Finding a plane based off 2 points and the z axis

[hagobarcos]

Homework Statement

Find an equation of the plane that passes through the points (4,2,1) and (-2, 9, 6), and is parallel to the z axis.

Homework Equations

a(X-Xo) + b(Y-Yo) + c(Z-Zo) = 0

The Attempt at a Solution

Okay so for this one, I first tried to make a vector out of the two given points.
If P(4,2,1) and Q(-2,9,6),

then PQ = <-6,7,5>.

Next I fumbled around a bit trying to figure out how to either a) find another vector to form a cross product with, or b) somehow figure out what the <a,b,c> numbers should look like in order to be parallel to z axis.

When I tried approach a) I came up with another point on the z axis, (0,0,1), used it as a vector of its own, crossed it with PQ, picked up the resultant, and plugged in the direction numbers to the plane equation.

For part b) I tried making a vector out of (0,0,1) and P, crossing it with PQ and using the resultant direction numbers.

However, both approaches seem to be rather wrong.

 

[SammyS]

Homework Statement

Find an equation of the plane that passes through the points (4,2,1) and (-2, 9, 6), and is parallel to the z axis.

Homework Equations

a(X-Xo) + b(Y-Yo) + c(Z-Zo) = 0

The Attempt at a Solution

Okay so for this one, I first tried to make a vector out of the two given points.
If P(4,2,1) and Q(-2,9,6),

then PQ = <-6,7,5>.

Next I fumbled around a bit trying to figure out how to either a) find another vector to form a cross product with, or b) somehow figure out what the <a,b,c> numbers should look like in order to be parallel to z axis.

When I tried approach a) I came up with another point on the z axis, (0,0,1), used it as a vector of its own, crossed it with PQ, picked up the resultant, and plugged in the direction numbers to the plane equation.

For part b) I tried making a vector out of (0,0,1) and P, crossing it with PQ and using the resultant direction numbers.

However, both approaches seem to be rather wrong.

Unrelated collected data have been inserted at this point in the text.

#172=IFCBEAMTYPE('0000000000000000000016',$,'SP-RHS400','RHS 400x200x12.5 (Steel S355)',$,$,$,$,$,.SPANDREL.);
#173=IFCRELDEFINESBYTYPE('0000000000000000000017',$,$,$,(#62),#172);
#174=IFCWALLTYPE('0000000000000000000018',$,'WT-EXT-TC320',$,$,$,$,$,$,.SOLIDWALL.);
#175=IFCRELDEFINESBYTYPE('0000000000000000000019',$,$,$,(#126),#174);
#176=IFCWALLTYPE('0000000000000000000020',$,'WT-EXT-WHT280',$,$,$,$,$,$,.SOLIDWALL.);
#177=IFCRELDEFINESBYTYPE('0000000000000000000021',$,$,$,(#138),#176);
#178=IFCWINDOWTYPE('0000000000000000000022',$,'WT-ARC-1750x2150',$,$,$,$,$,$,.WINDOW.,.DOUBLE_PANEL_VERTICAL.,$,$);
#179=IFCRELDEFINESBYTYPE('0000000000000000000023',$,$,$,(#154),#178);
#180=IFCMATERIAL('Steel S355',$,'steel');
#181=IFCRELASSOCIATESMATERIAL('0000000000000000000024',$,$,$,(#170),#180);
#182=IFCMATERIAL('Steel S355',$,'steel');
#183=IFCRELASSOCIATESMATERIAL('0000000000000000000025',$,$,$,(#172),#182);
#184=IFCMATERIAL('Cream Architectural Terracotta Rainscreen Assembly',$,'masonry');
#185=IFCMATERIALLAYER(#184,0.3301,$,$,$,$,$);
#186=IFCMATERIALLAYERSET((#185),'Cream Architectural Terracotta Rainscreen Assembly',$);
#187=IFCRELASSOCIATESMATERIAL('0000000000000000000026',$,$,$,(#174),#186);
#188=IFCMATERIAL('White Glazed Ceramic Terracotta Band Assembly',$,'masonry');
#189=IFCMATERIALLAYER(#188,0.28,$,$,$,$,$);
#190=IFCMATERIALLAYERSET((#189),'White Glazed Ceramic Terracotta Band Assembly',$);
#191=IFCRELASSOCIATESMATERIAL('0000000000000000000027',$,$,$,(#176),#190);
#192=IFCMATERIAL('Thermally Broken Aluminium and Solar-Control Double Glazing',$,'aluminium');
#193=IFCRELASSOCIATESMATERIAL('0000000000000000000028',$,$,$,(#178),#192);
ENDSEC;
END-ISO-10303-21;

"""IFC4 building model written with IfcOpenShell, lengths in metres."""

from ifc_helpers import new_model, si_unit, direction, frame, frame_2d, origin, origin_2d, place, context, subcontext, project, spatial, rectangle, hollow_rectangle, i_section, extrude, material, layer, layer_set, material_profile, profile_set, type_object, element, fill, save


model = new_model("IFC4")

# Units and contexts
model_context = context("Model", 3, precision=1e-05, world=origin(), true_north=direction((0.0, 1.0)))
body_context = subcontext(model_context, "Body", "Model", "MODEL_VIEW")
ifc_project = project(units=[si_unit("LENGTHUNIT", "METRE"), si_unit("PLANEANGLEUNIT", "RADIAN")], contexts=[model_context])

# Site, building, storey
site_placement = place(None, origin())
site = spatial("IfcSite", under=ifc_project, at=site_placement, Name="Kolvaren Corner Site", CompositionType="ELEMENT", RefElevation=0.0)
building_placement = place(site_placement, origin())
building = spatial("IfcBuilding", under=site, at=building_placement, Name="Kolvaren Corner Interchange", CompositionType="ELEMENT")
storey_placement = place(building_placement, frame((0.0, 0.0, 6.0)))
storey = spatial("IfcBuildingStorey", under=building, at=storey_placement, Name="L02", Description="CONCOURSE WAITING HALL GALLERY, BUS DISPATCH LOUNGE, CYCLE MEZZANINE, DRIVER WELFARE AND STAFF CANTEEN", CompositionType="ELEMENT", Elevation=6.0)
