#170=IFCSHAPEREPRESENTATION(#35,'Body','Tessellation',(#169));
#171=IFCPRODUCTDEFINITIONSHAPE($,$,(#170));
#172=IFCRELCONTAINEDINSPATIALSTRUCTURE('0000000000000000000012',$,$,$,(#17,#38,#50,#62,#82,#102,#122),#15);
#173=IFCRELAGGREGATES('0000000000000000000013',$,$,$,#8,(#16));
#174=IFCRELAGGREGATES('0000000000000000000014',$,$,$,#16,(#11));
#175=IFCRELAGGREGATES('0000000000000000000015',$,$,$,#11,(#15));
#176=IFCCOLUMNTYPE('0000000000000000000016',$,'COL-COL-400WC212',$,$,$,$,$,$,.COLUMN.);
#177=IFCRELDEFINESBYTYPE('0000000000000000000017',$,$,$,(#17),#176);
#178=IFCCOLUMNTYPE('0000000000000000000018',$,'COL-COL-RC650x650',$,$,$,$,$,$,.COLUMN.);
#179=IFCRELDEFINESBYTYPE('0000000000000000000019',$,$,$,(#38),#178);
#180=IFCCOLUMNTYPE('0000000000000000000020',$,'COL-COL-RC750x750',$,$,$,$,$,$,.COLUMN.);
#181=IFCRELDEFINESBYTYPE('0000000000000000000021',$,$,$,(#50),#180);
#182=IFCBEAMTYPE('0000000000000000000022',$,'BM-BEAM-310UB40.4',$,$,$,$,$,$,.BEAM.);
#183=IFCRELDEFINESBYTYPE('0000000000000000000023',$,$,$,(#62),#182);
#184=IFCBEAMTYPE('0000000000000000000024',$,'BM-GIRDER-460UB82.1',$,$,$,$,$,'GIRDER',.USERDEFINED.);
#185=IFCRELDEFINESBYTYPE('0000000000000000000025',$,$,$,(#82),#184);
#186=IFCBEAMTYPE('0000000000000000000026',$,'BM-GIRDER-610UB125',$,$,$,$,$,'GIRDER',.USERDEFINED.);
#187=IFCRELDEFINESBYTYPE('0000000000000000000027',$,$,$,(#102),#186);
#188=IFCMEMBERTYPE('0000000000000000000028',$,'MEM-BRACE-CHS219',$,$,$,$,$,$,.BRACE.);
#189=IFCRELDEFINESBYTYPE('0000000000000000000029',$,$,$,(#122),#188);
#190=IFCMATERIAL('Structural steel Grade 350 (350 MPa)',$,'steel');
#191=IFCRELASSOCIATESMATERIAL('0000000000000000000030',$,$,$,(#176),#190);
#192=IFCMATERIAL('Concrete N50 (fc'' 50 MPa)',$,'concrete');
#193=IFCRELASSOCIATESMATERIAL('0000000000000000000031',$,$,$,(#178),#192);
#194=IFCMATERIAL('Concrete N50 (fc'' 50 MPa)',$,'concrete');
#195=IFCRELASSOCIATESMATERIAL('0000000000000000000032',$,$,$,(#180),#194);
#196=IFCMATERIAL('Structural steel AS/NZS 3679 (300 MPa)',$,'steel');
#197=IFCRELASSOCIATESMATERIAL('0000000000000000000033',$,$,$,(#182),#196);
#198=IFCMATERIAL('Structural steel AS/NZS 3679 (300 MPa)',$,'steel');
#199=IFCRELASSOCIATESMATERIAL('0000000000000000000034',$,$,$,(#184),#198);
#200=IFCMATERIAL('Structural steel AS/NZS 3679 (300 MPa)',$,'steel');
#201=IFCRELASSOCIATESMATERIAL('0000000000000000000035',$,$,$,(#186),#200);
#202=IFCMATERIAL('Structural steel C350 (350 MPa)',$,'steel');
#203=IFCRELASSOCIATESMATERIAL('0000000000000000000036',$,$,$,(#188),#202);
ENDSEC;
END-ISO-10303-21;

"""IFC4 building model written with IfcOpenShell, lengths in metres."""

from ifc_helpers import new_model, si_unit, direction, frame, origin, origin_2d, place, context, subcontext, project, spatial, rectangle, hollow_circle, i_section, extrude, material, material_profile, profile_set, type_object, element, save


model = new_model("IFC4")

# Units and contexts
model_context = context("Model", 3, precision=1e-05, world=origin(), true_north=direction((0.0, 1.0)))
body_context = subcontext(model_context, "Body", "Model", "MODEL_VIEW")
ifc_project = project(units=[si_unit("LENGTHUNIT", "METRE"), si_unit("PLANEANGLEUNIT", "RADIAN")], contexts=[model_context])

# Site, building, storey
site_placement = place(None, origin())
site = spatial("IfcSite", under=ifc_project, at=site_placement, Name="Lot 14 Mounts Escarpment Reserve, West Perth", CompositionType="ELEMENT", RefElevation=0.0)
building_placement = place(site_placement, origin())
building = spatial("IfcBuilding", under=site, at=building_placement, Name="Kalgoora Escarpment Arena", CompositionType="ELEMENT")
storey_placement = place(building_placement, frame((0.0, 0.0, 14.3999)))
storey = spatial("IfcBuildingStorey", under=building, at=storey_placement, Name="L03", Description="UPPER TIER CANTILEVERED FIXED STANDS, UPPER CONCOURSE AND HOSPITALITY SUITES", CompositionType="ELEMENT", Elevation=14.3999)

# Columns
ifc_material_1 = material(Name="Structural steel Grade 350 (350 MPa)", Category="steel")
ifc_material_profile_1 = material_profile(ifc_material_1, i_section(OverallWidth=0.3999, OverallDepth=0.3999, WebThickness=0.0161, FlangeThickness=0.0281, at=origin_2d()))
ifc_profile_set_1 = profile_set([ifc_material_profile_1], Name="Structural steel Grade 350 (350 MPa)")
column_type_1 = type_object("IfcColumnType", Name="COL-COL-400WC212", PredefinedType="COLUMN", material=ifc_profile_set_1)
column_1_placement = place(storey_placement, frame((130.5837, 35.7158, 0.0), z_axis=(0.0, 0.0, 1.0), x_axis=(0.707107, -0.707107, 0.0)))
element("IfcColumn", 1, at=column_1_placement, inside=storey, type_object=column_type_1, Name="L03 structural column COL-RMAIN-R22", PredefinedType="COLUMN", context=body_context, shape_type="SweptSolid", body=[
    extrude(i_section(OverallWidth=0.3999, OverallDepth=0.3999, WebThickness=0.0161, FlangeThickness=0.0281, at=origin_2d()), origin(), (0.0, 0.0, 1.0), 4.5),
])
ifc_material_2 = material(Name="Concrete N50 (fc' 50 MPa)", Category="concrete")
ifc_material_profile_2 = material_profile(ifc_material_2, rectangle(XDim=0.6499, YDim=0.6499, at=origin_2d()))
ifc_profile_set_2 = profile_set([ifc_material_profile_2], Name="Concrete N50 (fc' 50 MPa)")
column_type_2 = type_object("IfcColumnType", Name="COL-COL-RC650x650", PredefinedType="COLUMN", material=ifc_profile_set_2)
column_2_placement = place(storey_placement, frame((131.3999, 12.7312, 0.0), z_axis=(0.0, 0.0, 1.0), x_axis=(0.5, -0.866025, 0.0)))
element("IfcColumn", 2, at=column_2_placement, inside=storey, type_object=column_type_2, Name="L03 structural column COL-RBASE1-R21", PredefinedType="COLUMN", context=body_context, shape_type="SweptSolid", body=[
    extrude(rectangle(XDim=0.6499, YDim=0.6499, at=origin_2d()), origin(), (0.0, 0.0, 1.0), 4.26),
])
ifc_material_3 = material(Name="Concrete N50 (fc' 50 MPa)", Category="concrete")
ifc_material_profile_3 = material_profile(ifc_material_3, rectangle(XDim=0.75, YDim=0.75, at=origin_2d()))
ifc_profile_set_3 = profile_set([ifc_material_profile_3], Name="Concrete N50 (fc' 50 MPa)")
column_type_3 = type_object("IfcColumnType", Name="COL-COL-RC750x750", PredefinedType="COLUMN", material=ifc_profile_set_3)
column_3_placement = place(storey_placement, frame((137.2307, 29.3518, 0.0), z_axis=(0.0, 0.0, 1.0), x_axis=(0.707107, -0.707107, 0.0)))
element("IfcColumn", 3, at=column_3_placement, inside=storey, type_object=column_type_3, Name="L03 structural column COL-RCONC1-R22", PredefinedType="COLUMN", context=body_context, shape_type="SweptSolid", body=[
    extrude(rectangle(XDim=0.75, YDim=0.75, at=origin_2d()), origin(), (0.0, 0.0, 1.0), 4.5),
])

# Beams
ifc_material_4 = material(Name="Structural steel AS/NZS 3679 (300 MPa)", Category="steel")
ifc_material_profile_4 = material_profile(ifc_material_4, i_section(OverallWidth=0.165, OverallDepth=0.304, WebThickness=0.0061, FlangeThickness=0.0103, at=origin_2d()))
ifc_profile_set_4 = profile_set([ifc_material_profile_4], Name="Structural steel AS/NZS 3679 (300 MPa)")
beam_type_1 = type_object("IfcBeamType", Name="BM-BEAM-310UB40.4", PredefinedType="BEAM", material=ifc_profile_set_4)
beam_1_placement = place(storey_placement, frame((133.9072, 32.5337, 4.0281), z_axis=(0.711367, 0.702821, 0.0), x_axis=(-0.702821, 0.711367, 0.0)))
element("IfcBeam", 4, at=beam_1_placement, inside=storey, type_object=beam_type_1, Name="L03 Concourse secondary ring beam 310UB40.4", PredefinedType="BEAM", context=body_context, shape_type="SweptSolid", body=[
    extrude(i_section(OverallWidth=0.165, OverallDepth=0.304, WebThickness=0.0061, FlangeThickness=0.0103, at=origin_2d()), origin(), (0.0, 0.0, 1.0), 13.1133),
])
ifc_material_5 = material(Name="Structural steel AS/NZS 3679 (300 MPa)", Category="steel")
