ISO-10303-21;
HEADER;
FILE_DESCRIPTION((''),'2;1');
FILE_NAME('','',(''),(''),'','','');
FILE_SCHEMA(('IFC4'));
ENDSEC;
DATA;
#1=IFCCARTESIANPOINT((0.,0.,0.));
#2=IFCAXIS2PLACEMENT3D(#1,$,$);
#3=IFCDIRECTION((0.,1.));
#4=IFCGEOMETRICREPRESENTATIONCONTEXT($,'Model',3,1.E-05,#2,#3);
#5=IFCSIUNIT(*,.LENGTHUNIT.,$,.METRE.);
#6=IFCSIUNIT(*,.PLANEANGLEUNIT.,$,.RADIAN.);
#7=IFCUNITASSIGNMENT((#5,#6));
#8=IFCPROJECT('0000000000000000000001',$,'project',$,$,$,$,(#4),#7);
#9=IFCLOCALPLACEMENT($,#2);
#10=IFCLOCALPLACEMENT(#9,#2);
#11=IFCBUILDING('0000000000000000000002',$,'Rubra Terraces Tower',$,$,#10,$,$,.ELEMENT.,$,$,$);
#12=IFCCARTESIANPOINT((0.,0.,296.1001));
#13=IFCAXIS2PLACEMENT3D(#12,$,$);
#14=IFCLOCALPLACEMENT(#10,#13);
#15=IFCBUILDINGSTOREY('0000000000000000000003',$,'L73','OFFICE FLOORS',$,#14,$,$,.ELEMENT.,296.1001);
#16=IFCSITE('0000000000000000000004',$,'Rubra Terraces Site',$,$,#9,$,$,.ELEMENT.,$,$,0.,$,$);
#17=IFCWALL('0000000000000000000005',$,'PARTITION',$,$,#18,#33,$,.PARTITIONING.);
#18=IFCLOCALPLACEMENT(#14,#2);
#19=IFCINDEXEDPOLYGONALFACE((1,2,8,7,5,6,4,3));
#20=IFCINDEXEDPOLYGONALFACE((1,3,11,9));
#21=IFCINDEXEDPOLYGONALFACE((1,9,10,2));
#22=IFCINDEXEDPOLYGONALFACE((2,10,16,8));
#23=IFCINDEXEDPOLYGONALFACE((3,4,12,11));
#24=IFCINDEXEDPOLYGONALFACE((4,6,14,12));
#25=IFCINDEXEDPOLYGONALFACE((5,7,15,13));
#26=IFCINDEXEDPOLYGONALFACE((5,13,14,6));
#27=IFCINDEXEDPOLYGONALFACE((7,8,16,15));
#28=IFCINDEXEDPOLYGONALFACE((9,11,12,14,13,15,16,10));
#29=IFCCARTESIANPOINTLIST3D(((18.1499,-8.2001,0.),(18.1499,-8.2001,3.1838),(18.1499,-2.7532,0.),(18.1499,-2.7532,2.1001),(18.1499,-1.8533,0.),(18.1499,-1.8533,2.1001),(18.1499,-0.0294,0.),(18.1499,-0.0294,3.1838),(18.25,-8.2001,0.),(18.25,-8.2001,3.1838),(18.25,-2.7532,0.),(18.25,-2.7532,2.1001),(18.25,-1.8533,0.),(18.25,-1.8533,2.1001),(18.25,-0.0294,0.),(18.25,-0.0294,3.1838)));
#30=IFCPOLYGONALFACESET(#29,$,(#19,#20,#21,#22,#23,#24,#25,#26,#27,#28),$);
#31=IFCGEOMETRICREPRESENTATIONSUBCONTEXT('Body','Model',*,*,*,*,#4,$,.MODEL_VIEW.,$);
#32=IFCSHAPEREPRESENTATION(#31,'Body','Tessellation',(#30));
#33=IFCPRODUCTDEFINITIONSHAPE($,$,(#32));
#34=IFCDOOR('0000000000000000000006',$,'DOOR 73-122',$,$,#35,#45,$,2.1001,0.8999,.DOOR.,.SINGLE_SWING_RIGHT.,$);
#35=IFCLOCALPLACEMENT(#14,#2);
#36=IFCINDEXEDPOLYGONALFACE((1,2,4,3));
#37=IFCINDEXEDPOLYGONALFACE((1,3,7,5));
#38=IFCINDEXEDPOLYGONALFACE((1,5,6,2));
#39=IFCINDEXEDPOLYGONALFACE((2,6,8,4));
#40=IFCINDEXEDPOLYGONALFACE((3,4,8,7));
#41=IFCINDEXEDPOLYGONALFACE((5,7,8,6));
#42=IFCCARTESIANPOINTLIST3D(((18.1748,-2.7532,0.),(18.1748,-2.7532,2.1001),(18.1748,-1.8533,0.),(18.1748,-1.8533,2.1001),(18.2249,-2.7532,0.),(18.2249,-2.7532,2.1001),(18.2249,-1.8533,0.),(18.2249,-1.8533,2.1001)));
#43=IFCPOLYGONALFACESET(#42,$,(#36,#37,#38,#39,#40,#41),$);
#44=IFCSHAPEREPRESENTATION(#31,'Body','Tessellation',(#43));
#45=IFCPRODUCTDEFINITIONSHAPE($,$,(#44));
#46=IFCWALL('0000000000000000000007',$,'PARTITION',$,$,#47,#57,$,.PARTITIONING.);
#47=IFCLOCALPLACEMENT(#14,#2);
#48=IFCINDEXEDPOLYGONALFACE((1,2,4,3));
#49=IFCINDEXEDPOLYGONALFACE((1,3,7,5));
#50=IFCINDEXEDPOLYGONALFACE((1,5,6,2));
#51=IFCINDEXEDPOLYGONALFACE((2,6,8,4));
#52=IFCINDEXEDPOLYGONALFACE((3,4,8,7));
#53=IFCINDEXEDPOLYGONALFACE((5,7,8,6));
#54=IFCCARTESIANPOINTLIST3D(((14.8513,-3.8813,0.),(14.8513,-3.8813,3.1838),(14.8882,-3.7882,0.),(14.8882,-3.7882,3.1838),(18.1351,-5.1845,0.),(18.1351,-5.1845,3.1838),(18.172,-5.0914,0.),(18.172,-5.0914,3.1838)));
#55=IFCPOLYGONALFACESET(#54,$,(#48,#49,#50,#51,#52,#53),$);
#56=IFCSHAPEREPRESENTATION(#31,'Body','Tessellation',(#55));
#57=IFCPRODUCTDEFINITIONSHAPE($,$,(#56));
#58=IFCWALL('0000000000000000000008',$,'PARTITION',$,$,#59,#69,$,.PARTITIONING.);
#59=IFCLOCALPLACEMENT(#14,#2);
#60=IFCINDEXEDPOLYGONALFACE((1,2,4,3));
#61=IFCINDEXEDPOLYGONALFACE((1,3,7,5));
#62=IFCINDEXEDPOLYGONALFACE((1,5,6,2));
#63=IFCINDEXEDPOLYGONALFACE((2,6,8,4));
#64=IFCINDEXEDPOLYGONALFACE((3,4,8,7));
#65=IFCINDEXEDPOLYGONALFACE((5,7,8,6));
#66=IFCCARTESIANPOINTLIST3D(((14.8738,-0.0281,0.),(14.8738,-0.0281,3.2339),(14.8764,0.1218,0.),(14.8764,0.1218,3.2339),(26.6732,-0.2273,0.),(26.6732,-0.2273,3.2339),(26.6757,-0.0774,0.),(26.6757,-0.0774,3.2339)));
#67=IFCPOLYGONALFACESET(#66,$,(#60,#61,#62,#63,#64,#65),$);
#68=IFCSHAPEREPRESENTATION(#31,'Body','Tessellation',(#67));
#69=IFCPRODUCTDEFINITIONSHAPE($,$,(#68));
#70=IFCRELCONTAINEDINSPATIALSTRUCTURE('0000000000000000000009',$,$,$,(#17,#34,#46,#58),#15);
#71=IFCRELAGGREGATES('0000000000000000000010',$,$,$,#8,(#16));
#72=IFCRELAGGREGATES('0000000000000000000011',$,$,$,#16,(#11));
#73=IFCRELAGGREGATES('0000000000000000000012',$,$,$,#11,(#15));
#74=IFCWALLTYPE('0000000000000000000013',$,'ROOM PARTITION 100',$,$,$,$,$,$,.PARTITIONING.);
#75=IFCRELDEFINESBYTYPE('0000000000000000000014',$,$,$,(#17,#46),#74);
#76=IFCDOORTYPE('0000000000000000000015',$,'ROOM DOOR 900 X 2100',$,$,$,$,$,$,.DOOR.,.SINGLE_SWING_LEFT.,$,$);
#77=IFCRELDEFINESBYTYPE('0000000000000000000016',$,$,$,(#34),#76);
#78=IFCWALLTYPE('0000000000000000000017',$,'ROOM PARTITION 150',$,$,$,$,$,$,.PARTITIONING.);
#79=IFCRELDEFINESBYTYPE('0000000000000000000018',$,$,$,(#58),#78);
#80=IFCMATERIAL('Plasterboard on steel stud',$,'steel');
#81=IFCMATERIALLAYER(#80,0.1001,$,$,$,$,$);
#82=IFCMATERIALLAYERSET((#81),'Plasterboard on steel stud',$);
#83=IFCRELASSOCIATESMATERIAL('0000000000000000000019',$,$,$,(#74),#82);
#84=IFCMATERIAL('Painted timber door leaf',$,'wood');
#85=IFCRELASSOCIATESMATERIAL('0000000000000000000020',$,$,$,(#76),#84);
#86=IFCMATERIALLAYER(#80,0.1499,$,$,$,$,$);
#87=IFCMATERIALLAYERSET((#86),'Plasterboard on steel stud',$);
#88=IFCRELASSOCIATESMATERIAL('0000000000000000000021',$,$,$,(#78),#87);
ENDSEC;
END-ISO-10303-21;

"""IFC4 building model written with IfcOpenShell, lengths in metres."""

from ifc_helpers import new_model, si_unit, direction, frame, frame_2d, origin, place, context, subcontext, project, spatial, rectangle, extrude, material, layer, layer_set, type_object, element, fill, save


model = new_model("IFC4")

# Units and contexts
model_context = context("Model", 3, precision=1e-05, world=origin(), true_north=direction((0.0, 1.0)))
body_context = subcontext(model_context, "Body", "Model", "MODEL_VIEW")
ifc_project = project(units=[si_unit("LENGTHUNIT", "METRE"), si_unit("PLANEANGLEUNIT", "RADIAN")], contexts=[model_context])

# Site, building, storey
site_placement = place(None, origin())
site = spatial("IfcSite", under=ifc_project, at=site_placement, Name="Rubra Terraces Site", CompositionType="ELEMENT", RefElevation=0.0)
building_placement = place(site_placement, origin())
building = spatial("IfcBuilding", under=site, at=building_placement, Name="Rubra Terraces Tower", CompositionType="ELEMENT")
storey_placement = place(building_placement, frame((0.0, 0.0, 296.1001)))
storey = spatial("IfcBuildingStorey", under=building, at=storey_placement, Name="L73", Description="OFFICE FLOORS", CompositionType="ELEMENT", Elevation=296.1001)

# Wall, opening, door
ifc_material_1 = material(Name="Plasterboard on steel stud", Category="steel")
ifc_layer_1 = layer(ifc_material_1, 0.1001)
ifc_layer_set_1 = layer_set([ifc_layer_1], Name="Plasterboard on steel stud")
wall_type_1 = type_object("IfcWallType", Name="ROOM PARTITION 100", PredefinedType="PARTITIONING", material=ifc_layer_set_1)
wall_1_placement = place(storey_placement, frame((18.2, -0.0293, 0.0), z_axis=(0.0, 0.0, 1.0), x_axis=(0.0, -1.0, 0.0)))
wall_1 = element("IfcWall", 1, at=wall_1_placement, inside=storey, type_object=wall_type_1, Name="PARTITION", PredefinedType="PARTITIONING", context=body_context, shape_type="SweptSolid", body=[
    extrude(rectangle(XDim=8.1707, YDim=0.1001, at=frame_2d((4.0854, 0.0))), origin(), (0.0, 0.0, 1.0), 3.1838),
])
opening_1_placement = place(wall_1_placement, frame((1.824, 0.0, 0.0)))
opening_1 = element("IfcOpeningElement", 2, at=opening_1_placement, cuts=wall_1, PredefinedType="OPENING", context=body_context, shape_type="SweptSolid", body=[
    extrude(rectangle(XDim=0.8999, YDim=2.1001, at=frame_2d((0.45, 1.05))), frame((0.0, 0.0601, 0.0), z_axis=(0.0, -1.0, 0.0), x_axis=(1.0, 0.0, 0.0)), (0.0, 0.0, 1.0), 0.1201),
])
ifc_material_2 = material(Name="Painted timber door leaf", Category="wood")
door_type_1 = type_object("IfcDoorType", Name="ROOM DOOR 900 X 2100", OperationType="SINGLE_SWING_LEFT", PredefinedType="DOOR", material=ifc_material_2)
door_1_placement = place(opening_1_placement, origin())
door_1 = element("IfcDoor", 3, at=door_1_placement, inside=storey, type_object=door_type_1, Name="DOOR 73-122", OperationType="SINGLE_SWING_RIGHT", OverallHeight=2.1001, OverallWidth=0.8999, PredefinedType="DOOR", context=body_context, shape_type="SweptSolid", body=[
    extrude(rectangle(XDim=0.8999, YDim=2.1001, at=frame_2d((0.45, 1.05))), frame((0.0, 0.0249, 0.0), z_axis=(0.0, -1.0, 0.0), x_axis=(1.0, 0.0, 0.0)), (0.0, 0.0, 1.0), 0.05),
])
fill(opening_1, door_1)

# Walls
wall_2_placement = place(storey_placement, frame((14.8696, -3.8347, 0.0), z_axis=(0.0, 0.0, 1.0), x_axis=(0.929484, -0.368864, 0.0)))
element("IfcWall", 4, at=wall_2_placement, inside=storey, type_object=wall_type_1, Name="PARTITION", PredefinedType="PARTITIONING", context=body_context, shape_type="SweptSolid", body=[
    extrude(rectangle(XDim=3.533, YDim=0.1001, at=frame_2d((1.7666, 0.0))), origin(), (0.0, 0.0, 1.0), 3.1838),
])
ifc_layer_2 = layer(ifc_material_1, 0.1499)
ifc_layer_set_2 = layer_set([ifc_layer_2], Name="Plasterboard on steel stud")
wall_type_2 = type_object("IfcWallType", Name="ROOM PARTITION 150", PredefinedType="PARTITIONING", material=ifc_layer_set_2)
wall_3_placement = place(storey_placement, frame((26.6743, -0.1523, 0.0), z_axis=(0.0, 0.0, 1.0), x_axis=(-0.999857, 0.016882, 0.0)))
element("IfcWall", 5, at=wall_3_placement, inside=storey, type_object=wall_type_2, Name="PARTITION", PredefinedType="PARTITIONING", context=body_context, shape_type="SweptSolid", body=[
    extrude(rectangle(XDim=11.801, YDim=0.1499, at=frame_2d((5.9004, 0.0))), origin(), (0.0, 0.0, 1.0), 3.2339),
])

save(model, "model.ifc")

Why pick a point on the z-axis?

Instead, use a vector which is parallel to the z-axis .

 

[hagobarcos]

Does the unit vector z count? <0,0,1>

 

[SammyS]

Does the unit vector z count? <0,0,1>

Why not?
Beginning or ending at either of the given points, where does this vector take you ?

 

[hagobarcos]

Well, since the unit vector always points up by 1 unit, for point P(4,2,1), the vector says to go up one to (4, 2, 2).

For point Q(-2,9,6), it says go up one unit in the z axis, to (-2,9,8).

With these new points, the cross product of the resulting vectors should yield the direction numbers <a,b,c> of the normal vector to the plane that I am trying to describe, no?

 

[hagobarcos]

Maybe this is still wrong, but I have a resultant of 7i + 6j + 0k from crossing <0,0,1> with <-6,7,5>, which I then used to produce 7(x-4) + 6(y-2) = 0, which turns out to

7x + 6y - 40 = 0.

However, upon asking Wolfram Alpha to plot it, I got a line!

 

[hagobarcos]

Well actually, after some meddling, got this:

 

[SammyS]

Maybe this is still wrong, but I have a resultant of 7i + 6j + 0k from crossing <0,0,1> with <-6,7,5>, which I then used to produce 7(x-4) + 6(y-2) = 0, which turns out to

7x + 6y - 40 = 0.

However, upon asking Wolfram Alpha to plot it, I got a line!

That plane does contain the two points, and is parallel to (or contains) <0, 0, 1>, right? Since the plane doesn't pass through the origin, it's parallel to the z-axis.

 

[hagobarcos]

Excellent. Thank you for the assistance :D